Menurutnya, capaian tersebut menunjukkan komitmen pemerintah dalam menjaga akuntabilitas pengelolaan keuangan.
Dari sisi realisasi anggaran, pendapatan daerah berhasil melampaui target dengan capaian 122,53 persen, sedangkan realisasi belanja daerah mencapai 91,62 persen.”Kami mengapresiasi tingginya realisasi pendapatan daerah. Namun, ketergantungan terhadap dana transfer dari pemerintah pusat masih perlu dikurangi. Pemerintah Kota harus terus berinovasi meningkatkan Pendapatan Asli Daerah (PAD) tanpa menambah beban bagi masyarakat,” ujar Ririk.
Selain itu, Fraksi PKB meminta pemerintah daerah melakukan evaluasi terhadap realisasi belanja yang belum mencapai target maksimal. Menurutnya, optimalisasi penyerapan anggaran menjadi indikator penting dalam mengukur efektivitas perencanaan dan pelaksanaan program pembangunan.
“PKB juga meminta penjelasan mengenai tidak terserapnya anggaran pada pos Belanja Tidak Terduga (BTT) dan belanja transfer selama Tahun Anggaran 2025,” tegasnya.

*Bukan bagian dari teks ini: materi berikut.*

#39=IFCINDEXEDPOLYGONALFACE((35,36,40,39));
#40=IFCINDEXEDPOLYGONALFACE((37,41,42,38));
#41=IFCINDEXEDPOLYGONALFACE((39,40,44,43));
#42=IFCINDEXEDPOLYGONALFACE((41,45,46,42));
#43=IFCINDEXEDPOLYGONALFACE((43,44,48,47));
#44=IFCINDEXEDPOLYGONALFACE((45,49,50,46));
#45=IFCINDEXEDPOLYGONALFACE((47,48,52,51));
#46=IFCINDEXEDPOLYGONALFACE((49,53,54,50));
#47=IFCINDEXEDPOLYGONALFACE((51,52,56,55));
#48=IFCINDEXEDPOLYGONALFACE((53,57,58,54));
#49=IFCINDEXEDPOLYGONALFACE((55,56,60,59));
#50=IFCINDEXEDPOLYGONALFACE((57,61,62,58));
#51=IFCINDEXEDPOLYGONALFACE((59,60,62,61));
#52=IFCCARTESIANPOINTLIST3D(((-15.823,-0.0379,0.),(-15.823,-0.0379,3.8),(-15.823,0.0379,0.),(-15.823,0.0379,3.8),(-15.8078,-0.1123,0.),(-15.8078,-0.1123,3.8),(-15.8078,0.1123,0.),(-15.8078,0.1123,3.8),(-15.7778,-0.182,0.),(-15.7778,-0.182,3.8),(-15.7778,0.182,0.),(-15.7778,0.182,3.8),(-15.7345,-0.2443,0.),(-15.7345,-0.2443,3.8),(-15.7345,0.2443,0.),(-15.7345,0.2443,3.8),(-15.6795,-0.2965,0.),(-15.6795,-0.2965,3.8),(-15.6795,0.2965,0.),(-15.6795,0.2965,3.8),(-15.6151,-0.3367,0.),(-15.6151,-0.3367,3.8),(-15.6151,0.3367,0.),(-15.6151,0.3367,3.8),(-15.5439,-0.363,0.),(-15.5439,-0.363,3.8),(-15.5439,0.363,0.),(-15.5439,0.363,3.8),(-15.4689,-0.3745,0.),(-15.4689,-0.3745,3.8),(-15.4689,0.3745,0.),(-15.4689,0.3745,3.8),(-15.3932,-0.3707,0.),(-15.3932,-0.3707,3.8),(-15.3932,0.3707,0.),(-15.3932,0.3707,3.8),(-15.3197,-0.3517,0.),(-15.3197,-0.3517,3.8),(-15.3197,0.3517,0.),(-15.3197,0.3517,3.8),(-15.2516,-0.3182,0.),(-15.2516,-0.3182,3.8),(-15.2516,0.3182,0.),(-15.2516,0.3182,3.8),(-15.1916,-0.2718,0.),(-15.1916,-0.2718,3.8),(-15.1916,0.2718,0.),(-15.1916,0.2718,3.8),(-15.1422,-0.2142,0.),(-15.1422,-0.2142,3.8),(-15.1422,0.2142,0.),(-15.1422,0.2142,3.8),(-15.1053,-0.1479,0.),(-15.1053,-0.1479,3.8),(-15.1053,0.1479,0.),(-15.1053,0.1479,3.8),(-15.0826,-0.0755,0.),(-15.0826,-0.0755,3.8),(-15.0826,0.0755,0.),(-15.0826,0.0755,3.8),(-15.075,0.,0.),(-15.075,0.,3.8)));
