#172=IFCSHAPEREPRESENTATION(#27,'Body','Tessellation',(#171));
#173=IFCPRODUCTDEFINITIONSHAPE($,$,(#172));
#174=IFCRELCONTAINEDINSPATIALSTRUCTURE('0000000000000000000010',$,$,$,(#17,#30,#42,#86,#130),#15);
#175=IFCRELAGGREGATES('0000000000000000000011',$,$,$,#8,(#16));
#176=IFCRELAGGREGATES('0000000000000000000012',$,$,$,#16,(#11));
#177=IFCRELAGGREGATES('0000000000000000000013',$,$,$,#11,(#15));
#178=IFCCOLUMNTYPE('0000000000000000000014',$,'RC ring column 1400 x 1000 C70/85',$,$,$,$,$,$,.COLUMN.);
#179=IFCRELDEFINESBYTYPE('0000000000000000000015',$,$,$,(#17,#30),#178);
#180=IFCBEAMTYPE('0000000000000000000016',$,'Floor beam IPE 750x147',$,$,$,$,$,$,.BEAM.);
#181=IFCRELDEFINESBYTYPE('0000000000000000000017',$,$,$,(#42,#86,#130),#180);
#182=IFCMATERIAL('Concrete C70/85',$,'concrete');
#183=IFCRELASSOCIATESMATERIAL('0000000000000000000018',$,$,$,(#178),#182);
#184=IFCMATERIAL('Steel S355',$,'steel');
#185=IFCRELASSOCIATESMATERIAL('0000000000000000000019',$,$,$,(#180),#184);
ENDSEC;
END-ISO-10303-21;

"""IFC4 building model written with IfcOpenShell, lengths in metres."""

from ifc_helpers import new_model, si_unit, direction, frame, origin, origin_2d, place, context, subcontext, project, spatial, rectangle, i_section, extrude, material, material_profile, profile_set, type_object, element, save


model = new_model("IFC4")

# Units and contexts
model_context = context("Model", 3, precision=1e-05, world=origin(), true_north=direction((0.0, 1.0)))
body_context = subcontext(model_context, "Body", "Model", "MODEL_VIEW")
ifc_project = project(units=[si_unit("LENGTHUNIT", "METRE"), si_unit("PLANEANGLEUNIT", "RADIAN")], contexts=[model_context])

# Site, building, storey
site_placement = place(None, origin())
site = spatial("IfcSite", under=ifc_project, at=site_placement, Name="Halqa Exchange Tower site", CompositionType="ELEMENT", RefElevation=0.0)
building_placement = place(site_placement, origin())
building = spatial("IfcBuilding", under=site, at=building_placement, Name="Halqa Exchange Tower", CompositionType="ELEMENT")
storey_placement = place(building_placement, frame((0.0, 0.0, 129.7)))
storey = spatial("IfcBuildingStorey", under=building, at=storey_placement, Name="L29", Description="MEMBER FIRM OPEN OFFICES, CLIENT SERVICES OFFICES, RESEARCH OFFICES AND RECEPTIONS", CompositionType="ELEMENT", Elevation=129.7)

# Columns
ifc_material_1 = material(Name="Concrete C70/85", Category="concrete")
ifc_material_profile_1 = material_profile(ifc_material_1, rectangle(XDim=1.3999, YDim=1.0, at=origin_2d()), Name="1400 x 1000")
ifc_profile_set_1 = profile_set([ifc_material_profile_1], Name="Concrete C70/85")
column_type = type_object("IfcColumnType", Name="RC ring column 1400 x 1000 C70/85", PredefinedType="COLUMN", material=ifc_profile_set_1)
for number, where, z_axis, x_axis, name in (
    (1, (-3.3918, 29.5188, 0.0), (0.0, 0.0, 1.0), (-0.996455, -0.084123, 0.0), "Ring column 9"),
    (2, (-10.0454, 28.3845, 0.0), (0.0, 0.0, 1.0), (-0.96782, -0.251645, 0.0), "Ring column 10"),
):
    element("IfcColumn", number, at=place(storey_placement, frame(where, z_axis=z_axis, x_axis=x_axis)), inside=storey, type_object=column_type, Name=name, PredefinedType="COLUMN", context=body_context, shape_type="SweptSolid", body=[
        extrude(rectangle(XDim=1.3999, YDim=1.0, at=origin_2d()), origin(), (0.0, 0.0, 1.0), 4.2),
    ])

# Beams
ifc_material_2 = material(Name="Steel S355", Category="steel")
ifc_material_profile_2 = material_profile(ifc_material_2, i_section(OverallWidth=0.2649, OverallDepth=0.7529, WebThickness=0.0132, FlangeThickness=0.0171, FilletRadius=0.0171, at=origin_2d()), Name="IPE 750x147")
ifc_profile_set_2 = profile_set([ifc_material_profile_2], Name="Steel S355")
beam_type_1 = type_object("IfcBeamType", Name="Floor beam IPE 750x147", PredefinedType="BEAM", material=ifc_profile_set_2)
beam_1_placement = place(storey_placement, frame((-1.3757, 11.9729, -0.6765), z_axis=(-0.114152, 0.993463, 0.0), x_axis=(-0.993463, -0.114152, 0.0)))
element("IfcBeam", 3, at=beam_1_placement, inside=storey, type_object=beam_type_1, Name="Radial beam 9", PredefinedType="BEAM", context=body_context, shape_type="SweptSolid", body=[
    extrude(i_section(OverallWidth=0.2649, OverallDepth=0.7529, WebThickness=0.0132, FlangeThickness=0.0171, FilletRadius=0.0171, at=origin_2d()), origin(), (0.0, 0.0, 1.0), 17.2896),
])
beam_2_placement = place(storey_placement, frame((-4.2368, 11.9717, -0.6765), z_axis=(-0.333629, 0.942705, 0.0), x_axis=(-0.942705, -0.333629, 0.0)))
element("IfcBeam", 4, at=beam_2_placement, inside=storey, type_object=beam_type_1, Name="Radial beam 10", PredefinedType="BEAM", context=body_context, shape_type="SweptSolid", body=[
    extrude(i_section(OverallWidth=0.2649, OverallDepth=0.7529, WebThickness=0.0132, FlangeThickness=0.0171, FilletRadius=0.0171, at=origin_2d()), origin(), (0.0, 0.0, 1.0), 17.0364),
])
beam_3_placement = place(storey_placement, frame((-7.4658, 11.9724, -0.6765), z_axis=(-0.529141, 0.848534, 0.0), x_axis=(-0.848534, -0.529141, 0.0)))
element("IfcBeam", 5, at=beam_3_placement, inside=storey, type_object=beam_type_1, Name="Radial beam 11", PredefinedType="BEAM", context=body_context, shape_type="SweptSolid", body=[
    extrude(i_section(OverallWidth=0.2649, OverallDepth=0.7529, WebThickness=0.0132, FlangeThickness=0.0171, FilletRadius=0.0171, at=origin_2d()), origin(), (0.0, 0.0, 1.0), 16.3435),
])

Tak hanya itu, Fraksi PKB menegaskan pentingnya tindak lanjut atas seluruh rekomendasi hasil pemeriksaan BPK RI sebagai upaya memperkuat tata kelola pemerintahan yang transparan, akuntabel, dan bebas dari penyimpangan.
Dengan berbagai catatan tersebut, Fraksi PKB menyatakan menerima Raperda Pertanggungjawaban Pelaksanaan APBD Tahun Anggaran 2025 untuk dilanjutkan ke tahap pembahasan bersama DPRD Kota Banjarbaru.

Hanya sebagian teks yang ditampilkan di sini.